Pandas: documentation and bokeh (continued)


Details
According to this recent blog post by Stack Overflow (https://stackoverflow.com/), Python is declared as the fastest-growing major programming language. And 10% of its credit is considered to be due to the pandas (http://pandas.pydata.org/) library.
In this sprint we'll have two different groups:
Beginners: We will improve pandas documentation
Gitter: https://gitter.im/py-sprints/pandas-doc
The idea is to improve the API documentation. So we will transform a page like:
http://pandas.pydata.org/pandas-docs/version/0.20.3/generated/pandas.DataFrame.reset_index.html
to a page like:
https://pandas-docs.github.io/pandas-docs-travis/generated/pandas.DataFrame.reset_index.html
More information on how to contribute to Pandas documentation can be found here:
https://pandas.pydata.org/pandas-docs/stable/contributing.html#contributing-to-the-documentation
Intermediate / advanced: We will continue the implementation of Bokeh, as a backend for Pandas. This is described next.

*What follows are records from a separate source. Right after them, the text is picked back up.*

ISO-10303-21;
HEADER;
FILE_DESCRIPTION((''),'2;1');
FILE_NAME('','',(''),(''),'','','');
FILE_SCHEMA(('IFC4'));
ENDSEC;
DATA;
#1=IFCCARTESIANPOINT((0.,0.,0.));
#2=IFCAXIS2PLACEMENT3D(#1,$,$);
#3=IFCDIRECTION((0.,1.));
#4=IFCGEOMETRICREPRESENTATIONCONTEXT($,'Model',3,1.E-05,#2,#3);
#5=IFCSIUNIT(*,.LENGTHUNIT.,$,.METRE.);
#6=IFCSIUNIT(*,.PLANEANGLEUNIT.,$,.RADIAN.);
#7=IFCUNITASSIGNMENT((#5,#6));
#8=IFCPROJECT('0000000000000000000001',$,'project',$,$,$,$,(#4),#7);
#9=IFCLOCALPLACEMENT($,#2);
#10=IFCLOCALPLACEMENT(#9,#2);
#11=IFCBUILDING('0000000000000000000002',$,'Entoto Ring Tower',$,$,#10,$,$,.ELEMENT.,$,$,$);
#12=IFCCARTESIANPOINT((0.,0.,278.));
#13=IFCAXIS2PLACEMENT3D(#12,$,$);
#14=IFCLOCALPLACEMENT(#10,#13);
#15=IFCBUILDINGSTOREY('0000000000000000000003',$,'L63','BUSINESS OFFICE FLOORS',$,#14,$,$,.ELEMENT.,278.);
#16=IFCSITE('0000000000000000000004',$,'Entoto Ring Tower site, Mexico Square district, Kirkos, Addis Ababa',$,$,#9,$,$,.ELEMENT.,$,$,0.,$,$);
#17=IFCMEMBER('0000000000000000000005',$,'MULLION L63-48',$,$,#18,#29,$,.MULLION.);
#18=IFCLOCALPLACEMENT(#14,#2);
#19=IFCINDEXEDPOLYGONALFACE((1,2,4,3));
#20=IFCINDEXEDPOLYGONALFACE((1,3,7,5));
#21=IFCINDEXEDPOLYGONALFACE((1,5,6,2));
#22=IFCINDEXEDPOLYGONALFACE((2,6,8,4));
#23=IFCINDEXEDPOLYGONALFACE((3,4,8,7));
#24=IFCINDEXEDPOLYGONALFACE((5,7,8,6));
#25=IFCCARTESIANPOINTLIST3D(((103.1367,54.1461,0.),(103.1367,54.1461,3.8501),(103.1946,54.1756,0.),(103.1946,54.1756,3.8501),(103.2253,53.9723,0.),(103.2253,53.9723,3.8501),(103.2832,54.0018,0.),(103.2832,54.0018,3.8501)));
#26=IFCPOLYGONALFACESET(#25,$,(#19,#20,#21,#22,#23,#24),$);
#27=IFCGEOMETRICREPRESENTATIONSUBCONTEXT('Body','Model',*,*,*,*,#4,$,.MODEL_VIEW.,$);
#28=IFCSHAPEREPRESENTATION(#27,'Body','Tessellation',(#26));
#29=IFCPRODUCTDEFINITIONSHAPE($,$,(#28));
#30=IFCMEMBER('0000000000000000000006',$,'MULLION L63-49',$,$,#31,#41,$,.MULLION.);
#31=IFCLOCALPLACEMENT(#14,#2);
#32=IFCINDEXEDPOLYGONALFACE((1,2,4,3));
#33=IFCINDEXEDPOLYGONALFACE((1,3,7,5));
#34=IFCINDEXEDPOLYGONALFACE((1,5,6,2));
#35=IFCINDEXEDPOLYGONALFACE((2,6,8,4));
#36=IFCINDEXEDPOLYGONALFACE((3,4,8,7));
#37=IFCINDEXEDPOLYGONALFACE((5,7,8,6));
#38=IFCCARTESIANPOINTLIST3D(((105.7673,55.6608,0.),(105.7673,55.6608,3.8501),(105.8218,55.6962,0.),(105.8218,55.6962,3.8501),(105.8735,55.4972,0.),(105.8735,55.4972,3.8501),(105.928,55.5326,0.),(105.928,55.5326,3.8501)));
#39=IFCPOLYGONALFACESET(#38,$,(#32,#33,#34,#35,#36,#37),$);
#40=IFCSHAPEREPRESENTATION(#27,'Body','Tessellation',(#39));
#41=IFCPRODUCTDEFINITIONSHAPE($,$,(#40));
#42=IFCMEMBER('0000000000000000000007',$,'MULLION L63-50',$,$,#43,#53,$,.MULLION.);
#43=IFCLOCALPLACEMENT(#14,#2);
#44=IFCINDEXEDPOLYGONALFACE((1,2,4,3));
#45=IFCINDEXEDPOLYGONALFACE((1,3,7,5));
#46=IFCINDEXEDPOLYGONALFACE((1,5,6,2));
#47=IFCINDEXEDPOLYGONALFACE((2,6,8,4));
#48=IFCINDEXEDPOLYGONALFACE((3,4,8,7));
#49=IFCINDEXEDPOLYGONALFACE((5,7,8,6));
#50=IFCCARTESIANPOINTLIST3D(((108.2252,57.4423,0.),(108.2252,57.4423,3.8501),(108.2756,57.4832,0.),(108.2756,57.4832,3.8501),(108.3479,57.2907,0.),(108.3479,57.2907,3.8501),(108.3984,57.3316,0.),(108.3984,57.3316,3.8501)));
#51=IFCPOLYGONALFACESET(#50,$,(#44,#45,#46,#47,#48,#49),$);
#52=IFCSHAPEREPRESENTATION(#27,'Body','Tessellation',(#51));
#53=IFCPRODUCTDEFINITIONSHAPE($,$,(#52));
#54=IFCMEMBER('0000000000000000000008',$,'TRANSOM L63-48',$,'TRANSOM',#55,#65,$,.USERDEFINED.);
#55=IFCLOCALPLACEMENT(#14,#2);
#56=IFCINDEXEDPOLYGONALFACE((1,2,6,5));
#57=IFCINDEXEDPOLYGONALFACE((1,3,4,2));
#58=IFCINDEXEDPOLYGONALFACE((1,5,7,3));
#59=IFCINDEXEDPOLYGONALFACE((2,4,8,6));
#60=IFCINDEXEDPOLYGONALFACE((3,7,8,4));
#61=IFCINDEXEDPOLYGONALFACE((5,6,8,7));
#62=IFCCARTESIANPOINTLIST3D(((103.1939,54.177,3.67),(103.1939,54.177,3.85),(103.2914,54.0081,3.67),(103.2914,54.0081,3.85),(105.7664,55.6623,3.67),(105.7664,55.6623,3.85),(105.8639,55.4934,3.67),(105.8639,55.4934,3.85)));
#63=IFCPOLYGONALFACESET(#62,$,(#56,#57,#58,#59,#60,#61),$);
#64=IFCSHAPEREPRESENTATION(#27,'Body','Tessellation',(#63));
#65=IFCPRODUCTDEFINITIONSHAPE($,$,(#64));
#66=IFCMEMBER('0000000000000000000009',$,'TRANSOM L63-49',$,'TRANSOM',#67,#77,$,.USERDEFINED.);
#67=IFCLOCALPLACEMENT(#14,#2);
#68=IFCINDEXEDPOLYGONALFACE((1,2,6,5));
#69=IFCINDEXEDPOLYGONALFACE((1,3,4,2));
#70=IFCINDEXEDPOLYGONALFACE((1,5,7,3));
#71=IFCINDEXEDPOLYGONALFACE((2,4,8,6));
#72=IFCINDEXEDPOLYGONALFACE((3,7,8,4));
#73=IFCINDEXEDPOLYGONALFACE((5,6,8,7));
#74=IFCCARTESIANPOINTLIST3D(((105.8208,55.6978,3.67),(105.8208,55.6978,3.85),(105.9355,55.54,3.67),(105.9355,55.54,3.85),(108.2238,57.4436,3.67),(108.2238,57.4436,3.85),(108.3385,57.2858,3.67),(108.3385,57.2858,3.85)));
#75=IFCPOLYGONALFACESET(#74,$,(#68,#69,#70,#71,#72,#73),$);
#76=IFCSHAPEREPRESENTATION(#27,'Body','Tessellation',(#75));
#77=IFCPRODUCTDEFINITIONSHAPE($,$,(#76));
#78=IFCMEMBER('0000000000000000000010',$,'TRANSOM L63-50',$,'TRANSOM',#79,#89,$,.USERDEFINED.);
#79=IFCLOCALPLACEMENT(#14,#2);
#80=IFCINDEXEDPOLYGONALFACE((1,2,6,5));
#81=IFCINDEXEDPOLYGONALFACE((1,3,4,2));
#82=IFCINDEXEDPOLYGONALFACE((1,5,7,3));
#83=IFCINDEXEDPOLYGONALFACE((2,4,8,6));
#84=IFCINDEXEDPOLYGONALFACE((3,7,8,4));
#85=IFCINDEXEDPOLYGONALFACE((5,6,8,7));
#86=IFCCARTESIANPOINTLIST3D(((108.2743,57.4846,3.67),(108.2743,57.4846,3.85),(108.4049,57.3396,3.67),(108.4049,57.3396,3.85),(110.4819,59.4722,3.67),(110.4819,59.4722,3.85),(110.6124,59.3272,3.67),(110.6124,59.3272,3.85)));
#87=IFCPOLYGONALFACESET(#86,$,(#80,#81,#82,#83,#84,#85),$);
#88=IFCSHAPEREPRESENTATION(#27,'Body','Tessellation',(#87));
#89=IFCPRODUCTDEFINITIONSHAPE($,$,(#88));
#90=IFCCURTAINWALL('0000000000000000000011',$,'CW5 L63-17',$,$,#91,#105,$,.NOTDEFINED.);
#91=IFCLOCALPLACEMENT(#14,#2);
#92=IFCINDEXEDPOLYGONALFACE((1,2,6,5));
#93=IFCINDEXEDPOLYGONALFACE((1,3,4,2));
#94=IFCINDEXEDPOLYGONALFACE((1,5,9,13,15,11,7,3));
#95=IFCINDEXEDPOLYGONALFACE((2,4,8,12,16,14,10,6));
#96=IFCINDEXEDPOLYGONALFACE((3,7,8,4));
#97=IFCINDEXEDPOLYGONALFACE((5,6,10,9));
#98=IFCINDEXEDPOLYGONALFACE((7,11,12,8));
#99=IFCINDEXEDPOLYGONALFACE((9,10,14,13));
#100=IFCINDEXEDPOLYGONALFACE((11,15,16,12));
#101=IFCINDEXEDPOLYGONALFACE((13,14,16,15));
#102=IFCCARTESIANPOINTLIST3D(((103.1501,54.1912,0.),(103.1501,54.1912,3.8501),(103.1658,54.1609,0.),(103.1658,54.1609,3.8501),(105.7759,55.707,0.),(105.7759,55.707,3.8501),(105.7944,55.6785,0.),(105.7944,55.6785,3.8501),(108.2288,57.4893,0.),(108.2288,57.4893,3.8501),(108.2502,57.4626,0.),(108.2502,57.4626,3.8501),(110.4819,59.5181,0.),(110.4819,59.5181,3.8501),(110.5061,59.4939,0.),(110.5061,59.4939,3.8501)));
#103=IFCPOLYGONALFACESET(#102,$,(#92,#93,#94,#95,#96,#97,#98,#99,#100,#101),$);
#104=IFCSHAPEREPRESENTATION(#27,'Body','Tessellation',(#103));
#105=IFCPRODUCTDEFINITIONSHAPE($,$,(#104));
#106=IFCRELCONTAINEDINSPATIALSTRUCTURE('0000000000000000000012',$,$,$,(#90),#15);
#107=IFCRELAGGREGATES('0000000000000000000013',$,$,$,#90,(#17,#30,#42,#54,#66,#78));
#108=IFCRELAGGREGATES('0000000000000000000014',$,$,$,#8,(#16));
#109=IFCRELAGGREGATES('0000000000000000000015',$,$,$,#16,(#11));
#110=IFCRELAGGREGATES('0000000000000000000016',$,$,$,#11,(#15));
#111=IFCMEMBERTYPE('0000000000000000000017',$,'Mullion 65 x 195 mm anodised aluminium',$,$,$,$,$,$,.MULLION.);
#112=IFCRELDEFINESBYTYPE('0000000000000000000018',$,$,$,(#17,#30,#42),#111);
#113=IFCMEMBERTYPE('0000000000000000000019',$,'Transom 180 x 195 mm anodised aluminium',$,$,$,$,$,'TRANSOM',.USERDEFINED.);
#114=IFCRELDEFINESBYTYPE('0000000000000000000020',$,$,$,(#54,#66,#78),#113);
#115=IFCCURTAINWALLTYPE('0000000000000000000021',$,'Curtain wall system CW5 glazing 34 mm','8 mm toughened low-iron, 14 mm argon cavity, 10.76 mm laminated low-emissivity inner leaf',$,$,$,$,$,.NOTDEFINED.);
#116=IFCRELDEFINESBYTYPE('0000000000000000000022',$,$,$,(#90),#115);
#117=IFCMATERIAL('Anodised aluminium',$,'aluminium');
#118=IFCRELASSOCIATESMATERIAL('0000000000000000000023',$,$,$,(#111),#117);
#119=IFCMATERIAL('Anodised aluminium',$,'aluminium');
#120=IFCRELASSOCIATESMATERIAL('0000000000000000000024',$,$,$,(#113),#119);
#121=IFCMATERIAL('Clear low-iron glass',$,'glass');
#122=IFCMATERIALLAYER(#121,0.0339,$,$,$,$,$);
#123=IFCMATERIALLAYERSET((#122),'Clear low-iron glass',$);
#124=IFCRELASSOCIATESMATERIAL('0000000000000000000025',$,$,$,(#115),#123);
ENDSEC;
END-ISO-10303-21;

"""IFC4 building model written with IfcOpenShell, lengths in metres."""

from ifc_helpers import new_model, si_unit, direction, frame, origin, origin_2d, place, context, subcontext, project, spatial, polyline, rectangle, outline, extrude, material, layer, layer_set, material_profile, profile_set, type_object, element, aggregate, save


model = new_model("IFC4")

# Units and contexts
model_context = context("Model", 3, precision=1e-05, world=origin(), true_north=direction((0.0, 1.0)))
body_context = subcontext(model_context, "Body", "Model", "MODEL_VIEW")
ifc_project = project(units=[si_unit("LENGTHUNIT", "METRE"), si_unit("PLANEANGLEUNIT", "RADIAN")], contexts=[model_context])

# Members
ifc_material_1 = material(Name="Anodised aluminium", Category="aluminium")
ifc_material_profile_1 = material_profile(ifc_material_1, rectangle(XDim=0.0649, YDim=0.1951, at=origin_2d()), Name="Mullion 65 x 195 mm anodised aluminium")
ifc_profile_set_1 = profile_set([ifc_material_profile_1], Name="Anodised aluminium")
member_type_1 = type_object("IfcMemberType", Name="Mullion 65 x 195 mm anodised aluminium", PredefinedType="MULLION", material=ifc_profile_set_1)
site_placement = place(None, origin())
building_placement = place(site_placement, origin())
storey_placement = place(building_placement, frame((0.0, 0.0, 278.0)))
member_1_placement = place(storey_placement, frame((103.21, 54.074, 0.0), z_axis=(0.0, 0.0, 1.0), x_axis=(0.891007, 0.45399, 0.0)))
member_1 = element("IfcMember", 1, at=member_1_placement, type_object=member_type_1, Name="MULLION L63-48", PredefinedType="MULLION", context=body_context, shape_type="SweptSolid", body=[
    extrude(rectangle(XDim=0.0649, YDim=0.1951, at=origin_2d()), origin(), (0.0, 0.0, 1.0), 3.8501),
])
member_2_placement = place(storey_placement, frame((105.8477, 55.5967, 0.0), z_axis=(0.0, 0.0, 1.0), x_axis=(0.838671, 0.544639, 0.0)))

Gitter: https://gitter.im/py-sprints/pandas-bokeh
One of the popular features of pandas is that it can directly plot the data it contains (in a Series or DataFrame). For example:
https://secure.meetupstatic.com/photos/event/b/7/a/0/600_464567008.jpeg
When this feature was implemented, matplotlib (https://matplotlib.org/) was the standard plotting library in Python. But things changed, and now there are many great available libraries. One of the most popular ones is Bokeh (https://bokeh.pydata.org/en/latest/). Bokeh generates interactive visualization charts in the style of D3.js.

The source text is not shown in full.